Celles et ceux qui, à Royaliste, aiment la littérature albanaise et apprécient tout particulièrement l’œuvre d’Ismail Kadaré ont appris avec tristesse la mort, le 1er juin, de Yusuf Vrioni. La traduction en français de l’œuvre du grand écrivain albanais était si fidèle et si belle qu’elle faisait référence pour tous ceux qui, dans le monde, veulent faire connaître celui qui aurait dû, depuis longtemps, recevoir le prix Nobel de littérature.

J’avais rencontré Yusuf Vrioni en 1993 à Tirana, lors d’un déjeuner qui réunissait, à la table de l’Ambassadeur de France, Ismaël Kadaré et une vingtaine d’autres écrivains, cinéastes et artistes albanais. Je garde le souvenir d’un grand intellectuel, magnifiquement parisien et exemplairement albanais, tout au bonheur de vivre dans sa patrie libérée de la terreur, trop élégant pour dire ses souffrances tout au long des treize années passées dans les prisons et les camps du régime d’Enver Hodja, trop humble sans doute pour faire, lui aussi, œuvre littéraire.

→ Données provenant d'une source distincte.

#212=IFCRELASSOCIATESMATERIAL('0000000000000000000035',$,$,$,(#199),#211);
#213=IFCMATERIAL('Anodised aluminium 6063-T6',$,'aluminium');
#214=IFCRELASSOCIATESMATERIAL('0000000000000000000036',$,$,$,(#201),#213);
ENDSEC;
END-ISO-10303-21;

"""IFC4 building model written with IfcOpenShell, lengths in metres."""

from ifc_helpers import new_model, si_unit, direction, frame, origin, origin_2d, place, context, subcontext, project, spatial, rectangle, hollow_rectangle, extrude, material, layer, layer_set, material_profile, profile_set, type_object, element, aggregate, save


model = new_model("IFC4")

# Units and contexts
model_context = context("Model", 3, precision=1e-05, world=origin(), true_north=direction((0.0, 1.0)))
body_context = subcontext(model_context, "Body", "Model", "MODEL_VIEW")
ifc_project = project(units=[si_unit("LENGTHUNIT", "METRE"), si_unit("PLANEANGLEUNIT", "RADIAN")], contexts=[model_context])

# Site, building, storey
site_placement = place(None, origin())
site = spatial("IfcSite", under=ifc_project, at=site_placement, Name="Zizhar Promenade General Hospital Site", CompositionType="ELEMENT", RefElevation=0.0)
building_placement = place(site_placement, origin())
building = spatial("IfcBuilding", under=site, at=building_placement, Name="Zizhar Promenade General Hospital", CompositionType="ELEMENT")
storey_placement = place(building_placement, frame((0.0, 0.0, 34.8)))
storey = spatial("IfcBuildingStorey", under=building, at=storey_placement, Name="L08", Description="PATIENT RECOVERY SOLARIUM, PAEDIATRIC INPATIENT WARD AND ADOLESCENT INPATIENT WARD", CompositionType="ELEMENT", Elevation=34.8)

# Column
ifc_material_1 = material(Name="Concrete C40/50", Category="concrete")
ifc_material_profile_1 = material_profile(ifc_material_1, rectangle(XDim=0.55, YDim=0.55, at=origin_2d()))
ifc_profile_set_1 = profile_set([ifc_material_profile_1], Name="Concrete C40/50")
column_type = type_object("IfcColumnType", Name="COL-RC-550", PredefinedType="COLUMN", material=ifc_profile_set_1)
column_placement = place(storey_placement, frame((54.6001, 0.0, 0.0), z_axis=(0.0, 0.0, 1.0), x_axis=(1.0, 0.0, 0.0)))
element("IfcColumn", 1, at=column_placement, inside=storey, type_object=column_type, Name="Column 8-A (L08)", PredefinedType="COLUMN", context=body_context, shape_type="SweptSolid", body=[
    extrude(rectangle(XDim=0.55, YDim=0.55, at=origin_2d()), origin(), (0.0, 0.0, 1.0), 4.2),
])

Voici peu, Alain Solari avait rendu compte des mémoires (1) de cet éminent serviteur de la langue française, qui nous avait fait l’honneur de devenir citoyen français sans cesser d’être passionnément albanais. Nous envisagions une rencontre. Elle n’aura pas lieu. Mais les admirateurs d’Avril brisé, du Palais des rêves et de tant d’autres ouvrages n’oublieront pas ce que la littérature universelle doit à Yusuf Vrioni.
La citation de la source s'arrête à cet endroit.